The function f(x)= 2x+1 and g(x)= x +4

fog(x) = f(g(x)) = f(x + 4)

=> 2(x + 4) + 1

=> 2x + 8 + 1

=> 2x + 9

**The domain of fog(x) is the set of all real numbers R**

We have given the functions as f(x) = 2x + 1 and g(x) = x + 4

For finding (fog)(x), we need to understand what exactly we need to do here.

Let me write some equivalent function of the given function first.

(fog)(x) = f( **g(x) **)

That means in place of x, we have given the function as g(x).

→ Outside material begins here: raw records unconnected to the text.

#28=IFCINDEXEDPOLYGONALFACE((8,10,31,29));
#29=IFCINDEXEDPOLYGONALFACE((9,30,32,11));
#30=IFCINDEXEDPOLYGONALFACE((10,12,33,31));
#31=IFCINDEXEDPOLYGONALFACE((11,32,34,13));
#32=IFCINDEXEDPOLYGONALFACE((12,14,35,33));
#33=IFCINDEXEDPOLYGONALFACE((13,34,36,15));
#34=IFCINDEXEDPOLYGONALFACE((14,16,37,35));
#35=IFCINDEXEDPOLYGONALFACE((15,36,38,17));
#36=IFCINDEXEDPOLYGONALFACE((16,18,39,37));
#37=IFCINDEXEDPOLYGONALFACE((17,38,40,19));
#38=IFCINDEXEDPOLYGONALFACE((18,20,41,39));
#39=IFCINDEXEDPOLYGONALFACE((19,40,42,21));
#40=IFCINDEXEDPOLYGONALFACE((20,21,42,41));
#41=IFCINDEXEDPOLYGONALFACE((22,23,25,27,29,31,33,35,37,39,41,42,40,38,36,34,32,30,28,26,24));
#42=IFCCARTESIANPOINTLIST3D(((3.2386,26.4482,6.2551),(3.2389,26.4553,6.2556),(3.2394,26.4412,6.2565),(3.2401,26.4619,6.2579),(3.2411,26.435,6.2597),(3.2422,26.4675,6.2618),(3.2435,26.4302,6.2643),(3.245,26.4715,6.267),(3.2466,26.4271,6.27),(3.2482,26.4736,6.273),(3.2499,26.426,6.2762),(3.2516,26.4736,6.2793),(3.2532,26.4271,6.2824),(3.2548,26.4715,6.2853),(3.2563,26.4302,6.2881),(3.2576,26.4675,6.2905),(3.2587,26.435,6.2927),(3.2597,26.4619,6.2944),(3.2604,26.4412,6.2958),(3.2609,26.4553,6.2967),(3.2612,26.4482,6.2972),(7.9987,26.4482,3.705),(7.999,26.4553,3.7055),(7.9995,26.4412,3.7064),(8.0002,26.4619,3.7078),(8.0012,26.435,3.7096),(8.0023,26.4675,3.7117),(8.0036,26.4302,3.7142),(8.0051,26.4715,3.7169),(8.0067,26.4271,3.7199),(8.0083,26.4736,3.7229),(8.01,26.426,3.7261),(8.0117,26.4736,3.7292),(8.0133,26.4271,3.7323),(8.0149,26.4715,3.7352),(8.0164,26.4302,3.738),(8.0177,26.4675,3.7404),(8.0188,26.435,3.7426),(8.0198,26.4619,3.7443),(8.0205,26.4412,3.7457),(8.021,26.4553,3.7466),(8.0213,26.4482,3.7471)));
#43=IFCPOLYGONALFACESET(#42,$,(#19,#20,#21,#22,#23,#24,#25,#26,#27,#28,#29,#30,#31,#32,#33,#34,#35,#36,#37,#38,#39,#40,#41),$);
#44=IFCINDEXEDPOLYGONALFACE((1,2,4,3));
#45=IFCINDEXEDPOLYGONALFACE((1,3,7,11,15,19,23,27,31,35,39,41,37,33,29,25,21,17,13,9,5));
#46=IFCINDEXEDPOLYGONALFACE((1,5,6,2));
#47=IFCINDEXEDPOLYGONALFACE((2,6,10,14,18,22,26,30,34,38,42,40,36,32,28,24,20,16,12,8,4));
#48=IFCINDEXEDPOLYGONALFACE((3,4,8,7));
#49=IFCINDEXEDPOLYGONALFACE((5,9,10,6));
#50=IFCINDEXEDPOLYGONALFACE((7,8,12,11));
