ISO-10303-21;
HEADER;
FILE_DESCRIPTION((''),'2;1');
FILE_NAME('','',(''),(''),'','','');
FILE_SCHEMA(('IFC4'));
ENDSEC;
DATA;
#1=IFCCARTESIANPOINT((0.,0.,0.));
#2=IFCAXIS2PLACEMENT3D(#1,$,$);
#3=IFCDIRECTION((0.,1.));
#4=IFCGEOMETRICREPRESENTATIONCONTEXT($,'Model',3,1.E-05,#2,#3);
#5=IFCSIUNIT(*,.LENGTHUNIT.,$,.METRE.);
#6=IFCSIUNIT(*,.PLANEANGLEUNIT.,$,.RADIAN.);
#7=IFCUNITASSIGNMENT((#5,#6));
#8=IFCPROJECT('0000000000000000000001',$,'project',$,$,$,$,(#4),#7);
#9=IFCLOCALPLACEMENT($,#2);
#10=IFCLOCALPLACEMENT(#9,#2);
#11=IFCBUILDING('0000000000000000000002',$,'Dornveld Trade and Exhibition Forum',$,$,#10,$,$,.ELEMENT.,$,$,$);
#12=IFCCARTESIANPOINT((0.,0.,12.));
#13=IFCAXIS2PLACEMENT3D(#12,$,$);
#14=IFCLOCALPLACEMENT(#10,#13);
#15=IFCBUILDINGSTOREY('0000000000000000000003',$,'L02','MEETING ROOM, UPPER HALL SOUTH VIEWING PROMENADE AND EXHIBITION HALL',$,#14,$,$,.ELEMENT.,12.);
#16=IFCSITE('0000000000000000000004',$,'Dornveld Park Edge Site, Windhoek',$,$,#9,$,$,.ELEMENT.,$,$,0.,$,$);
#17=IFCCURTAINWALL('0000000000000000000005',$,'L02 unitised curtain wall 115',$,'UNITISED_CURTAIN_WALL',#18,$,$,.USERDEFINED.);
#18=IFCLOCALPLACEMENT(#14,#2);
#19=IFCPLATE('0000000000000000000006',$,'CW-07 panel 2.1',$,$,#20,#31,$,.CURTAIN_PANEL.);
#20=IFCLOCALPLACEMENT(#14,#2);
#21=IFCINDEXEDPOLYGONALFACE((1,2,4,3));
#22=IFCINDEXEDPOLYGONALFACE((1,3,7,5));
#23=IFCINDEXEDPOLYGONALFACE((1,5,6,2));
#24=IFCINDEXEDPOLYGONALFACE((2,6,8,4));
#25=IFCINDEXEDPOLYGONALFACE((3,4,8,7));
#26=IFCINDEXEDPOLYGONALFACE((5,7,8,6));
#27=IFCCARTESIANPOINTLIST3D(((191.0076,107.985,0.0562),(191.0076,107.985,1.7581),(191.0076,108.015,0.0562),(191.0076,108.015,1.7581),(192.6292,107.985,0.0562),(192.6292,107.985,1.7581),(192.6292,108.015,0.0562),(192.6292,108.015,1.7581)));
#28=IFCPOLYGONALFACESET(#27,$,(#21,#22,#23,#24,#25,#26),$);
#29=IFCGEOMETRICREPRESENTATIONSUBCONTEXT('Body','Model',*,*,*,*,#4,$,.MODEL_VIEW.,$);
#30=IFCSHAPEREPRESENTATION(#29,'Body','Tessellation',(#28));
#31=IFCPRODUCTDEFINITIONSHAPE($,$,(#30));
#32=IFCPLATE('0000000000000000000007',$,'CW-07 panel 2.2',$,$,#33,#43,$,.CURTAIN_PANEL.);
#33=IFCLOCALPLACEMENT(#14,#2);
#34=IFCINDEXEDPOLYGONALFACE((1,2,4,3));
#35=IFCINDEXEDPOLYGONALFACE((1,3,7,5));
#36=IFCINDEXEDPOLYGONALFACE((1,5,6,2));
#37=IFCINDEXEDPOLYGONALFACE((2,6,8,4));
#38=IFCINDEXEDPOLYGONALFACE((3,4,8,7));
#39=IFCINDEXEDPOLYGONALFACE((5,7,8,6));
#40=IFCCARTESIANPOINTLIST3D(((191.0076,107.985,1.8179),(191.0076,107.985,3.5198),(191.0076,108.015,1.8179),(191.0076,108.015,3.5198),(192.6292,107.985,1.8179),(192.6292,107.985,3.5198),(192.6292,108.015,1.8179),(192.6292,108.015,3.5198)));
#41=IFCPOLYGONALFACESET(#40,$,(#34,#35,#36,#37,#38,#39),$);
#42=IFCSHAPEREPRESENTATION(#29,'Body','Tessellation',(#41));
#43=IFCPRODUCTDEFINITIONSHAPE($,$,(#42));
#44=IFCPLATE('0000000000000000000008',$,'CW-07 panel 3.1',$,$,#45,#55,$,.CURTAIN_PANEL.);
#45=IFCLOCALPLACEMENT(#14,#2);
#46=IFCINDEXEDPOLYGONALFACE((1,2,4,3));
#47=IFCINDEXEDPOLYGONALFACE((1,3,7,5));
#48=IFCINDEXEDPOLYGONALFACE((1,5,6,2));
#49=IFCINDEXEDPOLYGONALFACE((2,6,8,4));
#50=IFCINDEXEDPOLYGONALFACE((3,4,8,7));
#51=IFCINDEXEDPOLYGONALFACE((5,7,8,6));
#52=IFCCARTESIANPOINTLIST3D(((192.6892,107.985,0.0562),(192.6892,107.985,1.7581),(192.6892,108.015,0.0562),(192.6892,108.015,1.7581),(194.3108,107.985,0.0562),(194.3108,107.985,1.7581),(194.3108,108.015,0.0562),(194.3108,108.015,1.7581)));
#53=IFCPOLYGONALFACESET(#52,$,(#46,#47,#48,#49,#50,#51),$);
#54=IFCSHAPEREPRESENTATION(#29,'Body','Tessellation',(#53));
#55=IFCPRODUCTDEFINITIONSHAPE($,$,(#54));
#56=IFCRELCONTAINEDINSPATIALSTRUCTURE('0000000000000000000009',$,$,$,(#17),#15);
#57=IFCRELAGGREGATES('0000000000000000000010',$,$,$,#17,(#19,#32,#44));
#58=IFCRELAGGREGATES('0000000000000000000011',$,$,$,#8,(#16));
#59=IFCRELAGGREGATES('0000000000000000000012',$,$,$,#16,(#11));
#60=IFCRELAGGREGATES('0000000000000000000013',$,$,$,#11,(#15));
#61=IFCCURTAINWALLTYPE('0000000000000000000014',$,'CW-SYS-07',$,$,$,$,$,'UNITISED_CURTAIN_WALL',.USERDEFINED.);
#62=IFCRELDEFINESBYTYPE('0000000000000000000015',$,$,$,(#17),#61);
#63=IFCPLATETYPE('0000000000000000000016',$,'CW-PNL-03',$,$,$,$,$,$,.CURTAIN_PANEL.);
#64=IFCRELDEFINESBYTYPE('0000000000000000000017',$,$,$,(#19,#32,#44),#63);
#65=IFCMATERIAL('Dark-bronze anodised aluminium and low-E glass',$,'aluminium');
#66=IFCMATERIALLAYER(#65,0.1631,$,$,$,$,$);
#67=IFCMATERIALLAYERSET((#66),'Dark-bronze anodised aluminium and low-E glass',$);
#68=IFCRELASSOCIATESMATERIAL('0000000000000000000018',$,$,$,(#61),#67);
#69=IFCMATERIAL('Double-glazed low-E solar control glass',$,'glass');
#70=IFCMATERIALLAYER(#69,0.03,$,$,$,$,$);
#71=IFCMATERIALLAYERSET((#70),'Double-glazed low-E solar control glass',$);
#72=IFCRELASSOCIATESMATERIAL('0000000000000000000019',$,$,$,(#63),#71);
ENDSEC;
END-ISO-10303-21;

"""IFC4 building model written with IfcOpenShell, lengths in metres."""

from ifc_helpers import new_model, si_unit, direction, frame, origin, origin_2d, place, context, subcontext, project, spatial, rectangle, extrude, material, layer, layer_set, type_object, element, aggregate, save


model = new_model("IFC4")

# Units and contexts
model_context = context("Model", 3, precision=1e-05, world=origin(), true_north=direction((0.0, 1.0)))
body_context = subcontext(model_context, "Body", "Model", "MODEL_VIEW")
ifc_project = project(units=[si_unit("LENGTHUNIT", "METRE"), si_unit("PLANEANGLEUNIT", "RADIAN")], contexts=[model_context])

# Site, building, storey
site_placement = place(None, origin())
site = spatial("IfcSite", under=ifc_project, at=site_placement, Name="Dornveld Park Edge Site, Windhoek", CompositionType="ELEMENT", RefElevation=0.0)
building_placement = place(site_placement, origin())
building = spatial("IfcBuilding", under=site, at=building_placement, Name="Dornveld Trade and Exhibition Forum", CompositionType="ELEMENT")
storey_placement = place(building_placement, frame((0.0, 0.0, 12.0)))
storey = spatial("IfcBuildingStorey", under=building, at=storey_placement, Name="L02", Description="MEETING ROOM, UPPER HALL SOUTH VIEWING PROMENADE AND EXHIBITION HALL", CompositionType="ELEMENT", Elevation=12.0)

# Curtain wall
ifc_material_1 = material(Name="Dark-bronze anodised aluminium and low-E glass", Category="aluminium")
ifc_layer_1 = layer(ifc_material_1, 0.1631)
ifc_layer_set_1 = layer_set([ifc_layer_1], Name="Dark-bronze anodised aluminium and low-E glass")
curtain_wall_type_1 = type_object("IfcCurtainWallType", Name="CW-SYS-07", ElementType="UNITISED_CURTAIN_WALL", PredefinedType="USERDEFINED", material=ifc_layer_set_1)
curtain_wall_1_placement = place(storey_placement, origin())
curtain_wall_1 = element("IfcCurtainWall", 1, at=curtain_wall_1_placement, inside=storey, type_object=curtain_wall_type_1, Name="L02 unitised curtain wall 115", ObjectType="UNITISED_CURTAIN_WALL", PredefinedType="USERDEFINED")

# Plates
ifc_material_2 = material(Name="Double-glazed low-E solar control glass", Category="glass")
ifc_layer_2 = layer(ifc_material_2, 0.03)
ifc_layer_set_2 = layer_set([ifc_layer_2], Name="Double-glazed low-E solar control glass")
plate_type_1 = type_object("IfcPlateType", Name="CW-PNL-03", PredefinedType="CURTAIN_PANEL", material=ifc_layer_set_2)
plate_1_placement = place(storey_placement, frame((191.8184, 108.0, 0.0562), z_axis=(0.0, 0.0, 1.0), x_axis=(1.0, 0.0, 0.0)))
plate_1 = element("IfcPlate", 2, at=plate_1_placement, type_object=plate_type_1, Name="CW-07 panel 2.1", PredefinedType="CURTAIN_PANEL", context=body_context, shape_type="SweptSolid", body=[
    extrude(rectangle(XDim=1.6216, YDim=0.03, at=origin_2d()), origin(), (0.0, 0.0, 1.0), 1.7019),
])
plate_2_placement = place(storey_placement, frame((191.8184, 108.0, 1.8179), z_axis=(0.0, 0.0, 1.0), x_axis=(1.0, 0.0, 0.0)))
plate_2 = element("IfcPlate", 3, at=plate_2_placement, type_object=plate_type_1, Name="CW-07 panel 2.2", PredefinedType="CURTAIN_PANEL", context=body_context, shape_type="SweptSolid", body=[
    extrude(rectangle(XDim=1.6216, YDim=0.03, at=origin_2d()), origin(), (0.0, 0.0, 1.0), 1.7019),
])
plate_3_placement = place(storey_placement, frame((193.5, 108.0, 0.0562), z_axis=(0.0, 0.0, 1.0), x_axis=(1.0, 0.0, 0.0)))
plate_3 = element("IfcPlate", 4, at=plate_3_placement, type_object=plate_type_1, Name="CW-07 panel 3.1", PredefinedType="CURTAIN_PANEL", context=body_context, shape_type="SweptSolid", body=[
    extrude(rectangle(XDim=1.6216, YDim=0.03, at=origin_2d()), origin(), (0.0, 0.0, 1.0), 1.7019),
])
aggregate(curtain_wall_1, [plate_1, plate_2, plate_3])

save(model, "model.ifc")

So, we need to first replace the function g(x) by its given value. i.e. g(x) = x + 4

by replacing, we will get

(fog)(x) = f( **g(x) **) = f( (x + 4) ).

Now, we can see that in place of x, we have given x + 4. so, replace the value of x by x + 4 in the given original function f(x) = 2x + 1

We will get

(fog)(x) = f( **g(x) **) = f( (x + 4) )

f(x) = 2x + 1

f( **(x + 4) **) = 2*( **(x + 4) **) + 1

using foil = 2x + 8 + 1

= 2x + 9

(fog)(x) = 2x + 9

As it is simple a linear equation. so, domain will be defibned for all real values R.

Hope this will help you!!